The maneuver gained national attention when it was adopted by period powerhouse Yale University in 1910. Williams, an 1891 graduate of Yale, had earlier repeatedly offered to mentor his alma mater in the formation, but was rebuffed because the Elis would "not [take] football lessons from a Western university." In 1910, the Elis suffered early season setbacks at the hands of inferior opponents, and sought an advantage to use in its game against strong Princeton and Harvard squads. Former Yale end Thomas L. Shevlin, who had served as an assistant coach at Minnesota, taught the team the shift. Yale used the Minnesota shift against both opponents, and beat Princeton, 5–3, and tied Harvard, 0–0.

In 1917, Wisconsin head coach John R. Richards claimed that Chicago's Amos Alonzo Stagg, despite inventing the shift, had never been able to develop a counter to the Minnesota shift.
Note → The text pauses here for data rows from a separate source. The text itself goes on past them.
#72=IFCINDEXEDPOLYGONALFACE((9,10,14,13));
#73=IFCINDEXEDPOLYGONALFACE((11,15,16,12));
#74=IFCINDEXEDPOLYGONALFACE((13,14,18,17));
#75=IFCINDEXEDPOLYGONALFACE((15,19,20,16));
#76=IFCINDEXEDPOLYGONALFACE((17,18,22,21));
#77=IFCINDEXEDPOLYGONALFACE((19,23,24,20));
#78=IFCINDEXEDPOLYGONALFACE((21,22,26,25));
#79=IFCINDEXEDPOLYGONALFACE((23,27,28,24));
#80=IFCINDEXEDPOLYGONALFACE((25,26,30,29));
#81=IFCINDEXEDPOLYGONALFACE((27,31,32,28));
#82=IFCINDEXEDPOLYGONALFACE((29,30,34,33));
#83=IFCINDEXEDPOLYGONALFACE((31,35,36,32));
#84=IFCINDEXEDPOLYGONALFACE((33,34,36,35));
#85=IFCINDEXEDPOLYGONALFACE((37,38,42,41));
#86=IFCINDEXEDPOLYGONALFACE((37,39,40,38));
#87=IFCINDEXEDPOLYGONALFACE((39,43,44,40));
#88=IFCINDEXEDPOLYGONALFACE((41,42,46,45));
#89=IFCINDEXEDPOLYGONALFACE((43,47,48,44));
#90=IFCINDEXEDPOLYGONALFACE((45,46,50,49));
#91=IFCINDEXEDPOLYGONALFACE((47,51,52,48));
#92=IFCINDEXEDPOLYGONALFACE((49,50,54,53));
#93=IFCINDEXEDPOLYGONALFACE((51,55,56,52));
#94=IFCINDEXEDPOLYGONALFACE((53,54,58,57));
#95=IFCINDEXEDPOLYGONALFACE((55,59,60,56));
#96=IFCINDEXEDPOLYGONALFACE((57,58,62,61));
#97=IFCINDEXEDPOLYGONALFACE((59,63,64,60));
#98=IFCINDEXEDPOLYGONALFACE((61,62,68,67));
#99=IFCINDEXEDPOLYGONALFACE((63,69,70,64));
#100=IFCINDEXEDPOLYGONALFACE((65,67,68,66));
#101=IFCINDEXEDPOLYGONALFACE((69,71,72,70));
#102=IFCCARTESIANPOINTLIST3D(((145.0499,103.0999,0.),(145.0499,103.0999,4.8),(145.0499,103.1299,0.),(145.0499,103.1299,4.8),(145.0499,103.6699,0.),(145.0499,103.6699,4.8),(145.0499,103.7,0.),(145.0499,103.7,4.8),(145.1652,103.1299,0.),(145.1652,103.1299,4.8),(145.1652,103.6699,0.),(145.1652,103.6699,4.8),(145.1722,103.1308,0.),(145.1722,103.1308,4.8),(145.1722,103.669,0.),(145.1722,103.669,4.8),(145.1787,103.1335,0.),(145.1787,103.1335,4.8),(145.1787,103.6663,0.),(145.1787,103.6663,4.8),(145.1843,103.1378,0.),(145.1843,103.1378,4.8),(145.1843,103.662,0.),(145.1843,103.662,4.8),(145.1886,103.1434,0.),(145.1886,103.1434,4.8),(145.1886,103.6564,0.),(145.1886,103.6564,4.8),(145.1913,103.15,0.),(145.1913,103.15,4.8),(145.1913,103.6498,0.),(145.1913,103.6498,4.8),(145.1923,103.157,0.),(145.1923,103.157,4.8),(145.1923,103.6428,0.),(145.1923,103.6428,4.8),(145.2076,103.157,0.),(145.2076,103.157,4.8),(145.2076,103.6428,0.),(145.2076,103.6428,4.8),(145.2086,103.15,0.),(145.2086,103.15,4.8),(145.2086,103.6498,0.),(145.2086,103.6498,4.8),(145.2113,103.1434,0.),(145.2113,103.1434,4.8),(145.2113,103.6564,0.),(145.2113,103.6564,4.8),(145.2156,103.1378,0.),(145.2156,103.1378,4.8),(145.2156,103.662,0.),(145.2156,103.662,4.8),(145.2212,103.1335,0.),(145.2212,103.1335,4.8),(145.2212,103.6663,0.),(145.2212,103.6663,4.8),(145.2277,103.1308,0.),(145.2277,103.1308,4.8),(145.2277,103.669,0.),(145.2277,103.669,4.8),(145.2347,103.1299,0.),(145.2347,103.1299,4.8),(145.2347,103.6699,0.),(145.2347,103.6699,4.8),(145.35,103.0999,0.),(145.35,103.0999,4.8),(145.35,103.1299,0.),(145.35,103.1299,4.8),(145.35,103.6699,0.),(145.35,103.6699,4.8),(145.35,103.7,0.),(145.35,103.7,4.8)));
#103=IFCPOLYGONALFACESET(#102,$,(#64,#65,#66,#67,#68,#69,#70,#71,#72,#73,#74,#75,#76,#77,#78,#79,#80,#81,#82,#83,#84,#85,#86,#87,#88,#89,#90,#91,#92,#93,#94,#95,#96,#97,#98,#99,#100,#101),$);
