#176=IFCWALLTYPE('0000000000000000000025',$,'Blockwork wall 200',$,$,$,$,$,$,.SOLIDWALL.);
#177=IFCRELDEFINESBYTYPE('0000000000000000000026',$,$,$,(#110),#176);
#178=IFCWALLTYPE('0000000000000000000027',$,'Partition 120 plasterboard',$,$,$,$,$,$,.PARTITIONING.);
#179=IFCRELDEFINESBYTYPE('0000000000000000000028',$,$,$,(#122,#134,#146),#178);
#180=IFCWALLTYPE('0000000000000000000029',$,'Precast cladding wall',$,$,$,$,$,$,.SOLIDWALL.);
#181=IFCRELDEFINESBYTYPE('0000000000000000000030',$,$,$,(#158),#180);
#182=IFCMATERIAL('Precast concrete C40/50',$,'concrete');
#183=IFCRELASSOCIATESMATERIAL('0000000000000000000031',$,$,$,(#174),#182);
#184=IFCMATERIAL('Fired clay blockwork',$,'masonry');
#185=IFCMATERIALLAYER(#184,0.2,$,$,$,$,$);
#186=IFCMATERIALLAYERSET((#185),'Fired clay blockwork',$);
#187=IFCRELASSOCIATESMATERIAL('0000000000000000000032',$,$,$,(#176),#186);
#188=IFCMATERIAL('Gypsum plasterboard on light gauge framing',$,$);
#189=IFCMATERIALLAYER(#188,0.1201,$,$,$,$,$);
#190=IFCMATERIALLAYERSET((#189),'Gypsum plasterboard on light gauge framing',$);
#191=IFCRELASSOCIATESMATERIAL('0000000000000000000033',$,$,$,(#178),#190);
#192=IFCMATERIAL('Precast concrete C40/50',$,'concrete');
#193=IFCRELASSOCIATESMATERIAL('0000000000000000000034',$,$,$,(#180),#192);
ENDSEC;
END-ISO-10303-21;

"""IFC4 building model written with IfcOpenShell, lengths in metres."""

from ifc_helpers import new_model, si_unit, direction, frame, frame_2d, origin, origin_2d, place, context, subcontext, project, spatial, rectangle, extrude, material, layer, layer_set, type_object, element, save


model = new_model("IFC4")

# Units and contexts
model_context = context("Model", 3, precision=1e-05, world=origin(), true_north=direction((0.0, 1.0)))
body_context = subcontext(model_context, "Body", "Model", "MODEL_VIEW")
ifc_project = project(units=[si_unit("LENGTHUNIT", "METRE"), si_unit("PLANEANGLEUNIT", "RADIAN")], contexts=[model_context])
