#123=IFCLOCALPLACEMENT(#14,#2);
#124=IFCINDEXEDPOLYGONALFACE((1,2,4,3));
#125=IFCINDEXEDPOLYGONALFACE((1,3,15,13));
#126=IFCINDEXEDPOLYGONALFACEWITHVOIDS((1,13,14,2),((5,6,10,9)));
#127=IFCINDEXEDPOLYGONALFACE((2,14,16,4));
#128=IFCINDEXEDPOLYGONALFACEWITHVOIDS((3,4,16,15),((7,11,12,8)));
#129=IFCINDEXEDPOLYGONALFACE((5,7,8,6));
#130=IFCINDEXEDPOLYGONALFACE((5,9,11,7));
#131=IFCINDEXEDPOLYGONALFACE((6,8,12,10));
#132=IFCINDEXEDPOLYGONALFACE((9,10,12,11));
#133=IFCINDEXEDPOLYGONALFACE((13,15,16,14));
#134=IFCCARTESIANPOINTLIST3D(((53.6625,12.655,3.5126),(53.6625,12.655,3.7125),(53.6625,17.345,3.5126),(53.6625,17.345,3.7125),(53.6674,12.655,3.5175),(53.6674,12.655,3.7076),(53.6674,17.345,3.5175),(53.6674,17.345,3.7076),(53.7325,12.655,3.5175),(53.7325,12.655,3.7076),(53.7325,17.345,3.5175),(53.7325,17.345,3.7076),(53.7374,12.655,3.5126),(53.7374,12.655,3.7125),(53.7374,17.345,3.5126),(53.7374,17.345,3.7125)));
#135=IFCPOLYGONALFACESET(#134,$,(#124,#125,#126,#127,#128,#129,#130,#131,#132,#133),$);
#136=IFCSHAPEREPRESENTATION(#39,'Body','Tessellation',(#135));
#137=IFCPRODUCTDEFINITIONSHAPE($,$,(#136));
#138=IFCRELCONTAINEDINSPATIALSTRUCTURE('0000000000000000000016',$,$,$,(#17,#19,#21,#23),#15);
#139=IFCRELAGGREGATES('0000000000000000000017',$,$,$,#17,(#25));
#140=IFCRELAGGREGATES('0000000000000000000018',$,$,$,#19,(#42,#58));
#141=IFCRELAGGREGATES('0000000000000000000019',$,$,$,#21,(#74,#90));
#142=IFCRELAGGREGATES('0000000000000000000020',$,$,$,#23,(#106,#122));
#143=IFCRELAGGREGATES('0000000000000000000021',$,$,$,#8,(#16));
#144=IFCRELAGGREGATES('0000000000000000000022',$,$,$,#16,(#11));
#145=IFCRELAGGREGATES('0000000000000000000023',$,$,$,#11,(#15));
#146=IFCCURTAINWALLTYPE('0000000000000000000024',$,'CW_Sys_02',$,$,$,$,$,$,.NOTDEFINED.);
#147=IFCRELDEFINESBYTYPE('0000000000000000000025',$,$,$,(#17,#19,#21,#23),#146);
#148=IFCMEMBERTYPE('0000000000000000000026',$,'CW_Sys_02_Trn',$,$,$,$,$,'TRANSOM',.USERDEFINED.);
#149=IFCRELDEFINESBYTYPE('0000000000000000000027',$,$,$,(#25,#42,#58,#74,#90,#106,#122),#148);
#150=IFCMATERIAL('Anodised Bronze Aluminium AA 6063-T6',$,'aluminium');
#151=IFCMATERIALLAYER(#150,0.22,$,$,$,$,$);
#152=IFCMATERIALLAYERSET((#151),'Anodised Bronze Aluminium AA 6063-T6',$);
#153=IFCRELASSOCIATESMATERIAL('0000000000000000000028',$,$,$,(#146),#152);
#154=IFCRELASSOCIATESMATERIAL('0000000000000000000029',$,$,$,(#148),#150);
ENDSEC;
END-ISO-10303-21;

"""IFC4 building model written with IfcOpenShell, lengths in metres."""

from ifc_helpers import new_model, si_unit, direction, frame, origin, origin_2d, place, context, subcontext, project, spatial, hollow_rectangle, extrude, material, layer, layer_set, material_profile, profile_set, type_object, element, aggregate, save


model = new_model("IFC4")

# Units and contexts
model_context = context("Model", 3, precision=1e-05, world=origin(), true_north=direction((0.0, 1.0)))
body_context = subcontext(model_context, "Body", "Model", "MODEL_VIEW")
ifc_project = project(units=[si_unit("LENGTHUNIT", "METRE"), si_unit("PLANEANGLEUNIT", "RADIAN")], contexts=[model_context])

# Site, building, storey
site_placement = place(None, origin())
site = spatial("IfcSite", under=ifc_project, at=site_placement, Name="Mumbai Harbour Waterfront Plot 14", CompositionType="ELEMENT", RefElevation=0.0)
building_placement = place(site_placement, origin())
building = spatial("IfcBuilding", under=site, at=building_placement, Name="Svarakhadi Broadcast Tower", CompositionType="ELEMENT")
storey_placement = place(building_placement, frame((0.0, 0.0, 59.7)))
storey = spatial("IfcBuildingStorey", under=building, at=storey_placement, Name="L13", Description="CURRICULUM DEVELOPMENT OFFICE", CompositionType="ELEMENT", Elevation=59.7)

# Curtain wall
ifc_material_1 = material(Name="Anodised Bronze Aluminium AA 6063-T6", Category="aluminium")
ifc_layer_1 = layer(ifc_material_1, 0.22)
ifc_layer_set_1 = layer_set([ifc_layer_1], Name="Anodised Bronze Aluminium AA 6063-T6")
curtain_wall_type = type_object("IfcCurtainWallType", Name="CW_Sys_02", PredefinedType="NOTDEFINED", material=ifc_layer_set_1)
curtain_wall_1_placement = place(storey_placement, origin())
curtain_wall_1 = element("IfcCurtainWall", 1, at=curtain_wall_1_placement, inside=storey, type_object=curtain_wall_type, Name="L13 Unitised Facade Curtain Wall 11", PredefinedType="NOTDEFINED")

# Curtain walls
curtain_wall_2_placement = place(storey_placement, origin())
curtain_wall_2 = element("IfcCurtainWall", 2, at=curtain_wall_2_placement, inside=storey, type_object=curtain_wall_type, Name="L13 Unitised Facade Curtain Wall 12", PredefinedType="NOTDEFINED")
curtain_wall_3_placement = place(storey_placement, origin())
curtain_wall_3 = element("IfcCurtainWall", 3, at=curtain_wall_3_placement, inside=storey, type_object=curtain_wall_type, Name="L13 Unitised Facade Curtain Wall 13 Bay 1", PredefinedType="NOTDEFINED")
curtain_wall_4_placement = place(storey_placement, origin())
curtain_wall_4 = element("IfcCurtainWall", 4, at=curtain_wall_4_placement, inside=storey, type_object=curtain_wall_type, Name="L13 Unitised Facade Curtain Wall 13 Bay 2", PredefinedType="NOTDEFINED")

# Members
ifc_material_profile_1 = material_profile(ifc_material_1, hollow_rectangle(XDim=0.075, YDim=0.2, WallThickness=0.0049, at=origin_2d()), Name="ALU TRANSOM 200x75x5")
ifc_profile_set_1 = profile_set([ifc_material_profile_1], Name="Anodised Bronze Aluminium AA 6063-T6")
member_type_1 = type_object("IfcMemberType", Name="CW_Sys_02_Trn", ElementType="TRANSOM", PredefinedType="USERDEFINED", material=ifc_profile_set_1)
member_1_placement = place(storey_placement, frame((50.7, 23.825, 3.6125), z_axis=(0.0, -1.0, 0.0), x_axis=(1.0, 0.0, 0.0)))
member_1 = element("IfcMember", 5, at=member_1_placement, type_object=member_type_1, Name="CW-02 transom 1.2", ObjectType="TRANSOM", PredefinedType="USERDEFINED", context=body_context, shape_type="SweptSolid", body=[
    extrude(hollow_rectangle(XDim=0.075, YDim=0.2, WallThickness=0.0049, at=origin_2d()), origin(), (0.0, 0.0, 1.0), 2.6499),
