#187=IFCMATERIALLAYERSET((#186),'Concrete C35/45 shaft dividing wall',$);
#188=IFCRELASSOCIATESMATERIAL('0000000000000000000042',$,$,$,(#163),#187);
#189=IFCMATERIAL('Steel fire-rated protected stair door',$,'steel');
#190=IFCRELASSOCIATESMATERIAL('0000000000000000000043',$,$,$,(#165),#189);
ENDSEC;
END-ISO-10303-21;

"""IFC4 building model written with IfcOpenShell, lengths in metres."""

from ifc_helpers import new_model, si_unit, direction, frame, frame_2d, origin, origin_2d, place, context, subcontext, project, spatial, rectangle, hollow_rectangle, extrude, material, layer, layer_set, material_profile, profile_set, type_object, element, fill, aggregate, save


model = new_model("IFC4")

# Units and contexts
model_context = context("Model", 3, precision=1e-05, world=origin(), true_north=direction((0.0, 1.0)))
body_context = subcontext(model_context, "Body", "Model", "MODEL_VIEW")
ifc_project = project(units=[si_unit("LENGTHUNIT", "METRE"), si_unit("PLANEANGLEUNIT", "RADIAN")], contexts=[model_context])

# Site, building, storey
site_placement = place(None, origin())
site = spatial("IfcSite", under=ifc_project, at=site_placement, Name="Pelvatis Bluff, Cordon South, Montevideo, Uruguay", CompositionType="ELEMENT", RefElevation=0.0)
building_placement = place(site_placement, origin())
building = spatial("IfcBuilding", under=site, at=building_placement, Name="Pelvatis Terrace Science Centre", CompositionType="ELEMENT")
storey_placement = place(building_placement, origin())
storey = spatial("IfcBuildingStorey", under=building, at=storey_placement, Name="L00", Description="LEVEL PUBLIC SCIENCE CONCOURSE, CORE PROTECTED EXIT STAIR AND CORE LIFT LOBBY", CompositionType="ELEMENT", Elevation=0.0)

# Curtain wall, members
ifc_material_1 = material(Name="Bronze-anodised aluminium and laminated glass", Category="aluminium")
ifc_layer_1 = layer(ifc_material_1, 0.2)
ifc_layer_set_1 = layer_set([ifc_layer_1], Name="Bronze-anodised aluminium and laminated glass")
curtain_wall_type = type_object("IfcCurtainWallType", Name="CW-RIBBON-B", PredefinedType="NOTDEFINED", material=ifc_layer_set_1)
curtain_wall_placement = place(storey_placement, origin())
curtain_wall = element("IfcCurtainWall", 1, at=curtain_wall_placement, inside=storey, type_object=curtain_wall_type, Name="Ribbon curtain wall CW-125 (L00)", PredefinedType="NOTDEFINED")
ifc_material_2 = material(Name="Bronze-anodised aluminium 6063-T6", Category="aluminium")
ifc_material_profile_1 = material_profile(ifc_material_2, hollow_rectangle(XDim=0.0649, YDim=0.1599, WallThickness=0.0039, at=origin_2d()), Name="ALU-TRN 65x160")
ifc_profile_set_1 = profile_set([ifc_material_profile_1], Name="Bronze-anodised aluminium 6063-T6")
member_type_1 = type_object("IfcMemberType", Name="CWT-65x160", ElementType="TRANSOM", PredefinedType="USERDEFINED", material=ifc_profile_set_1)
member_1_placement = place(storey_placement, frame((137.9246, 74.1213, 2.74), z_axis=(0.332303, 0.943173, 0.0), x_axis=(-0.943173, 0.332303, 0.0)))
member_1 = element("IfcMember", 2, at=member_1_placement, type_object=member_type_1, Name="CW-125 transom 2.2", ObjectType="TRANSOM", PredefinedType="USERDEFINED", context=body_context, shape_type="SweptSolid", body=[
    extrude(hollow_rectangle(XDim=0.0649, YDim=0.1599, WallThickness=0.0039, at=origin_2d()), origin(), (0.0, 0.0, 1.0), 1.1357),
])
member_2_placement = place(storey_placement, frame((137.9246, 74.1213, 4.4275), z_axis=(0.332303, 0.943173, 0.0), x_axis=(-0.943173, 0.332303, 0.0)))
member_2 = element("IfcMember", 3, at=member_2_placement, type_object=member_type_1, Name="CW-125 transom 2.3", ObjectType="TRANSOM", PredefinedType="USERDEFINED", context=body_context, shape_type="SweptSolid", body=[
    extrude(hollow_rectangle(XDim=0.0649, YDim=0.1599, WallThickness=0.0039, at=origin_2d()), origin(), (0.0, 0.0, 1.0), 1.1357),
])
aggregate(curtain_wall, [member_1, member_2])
In 1921, Ohio State employed a maneuver it called "guards over" that "checked the touted Minnesota shift more completely than any other Conference team has ever done," which forced the Gophers to resort unsuccessfully to the forward pass. The following season, Michigan also effectively shut down the shift behind good line play.

The Minnesota shift lost favor as an overriding offensive strategy during the 1920s as more complicated systems were developed, and later rule changes required shifting offensive players to remain stationary for a full second in their new positions before the snap of the ball. However, the basic idea of shifting, or motioning offensive personnel to confuse the defense is still widely used.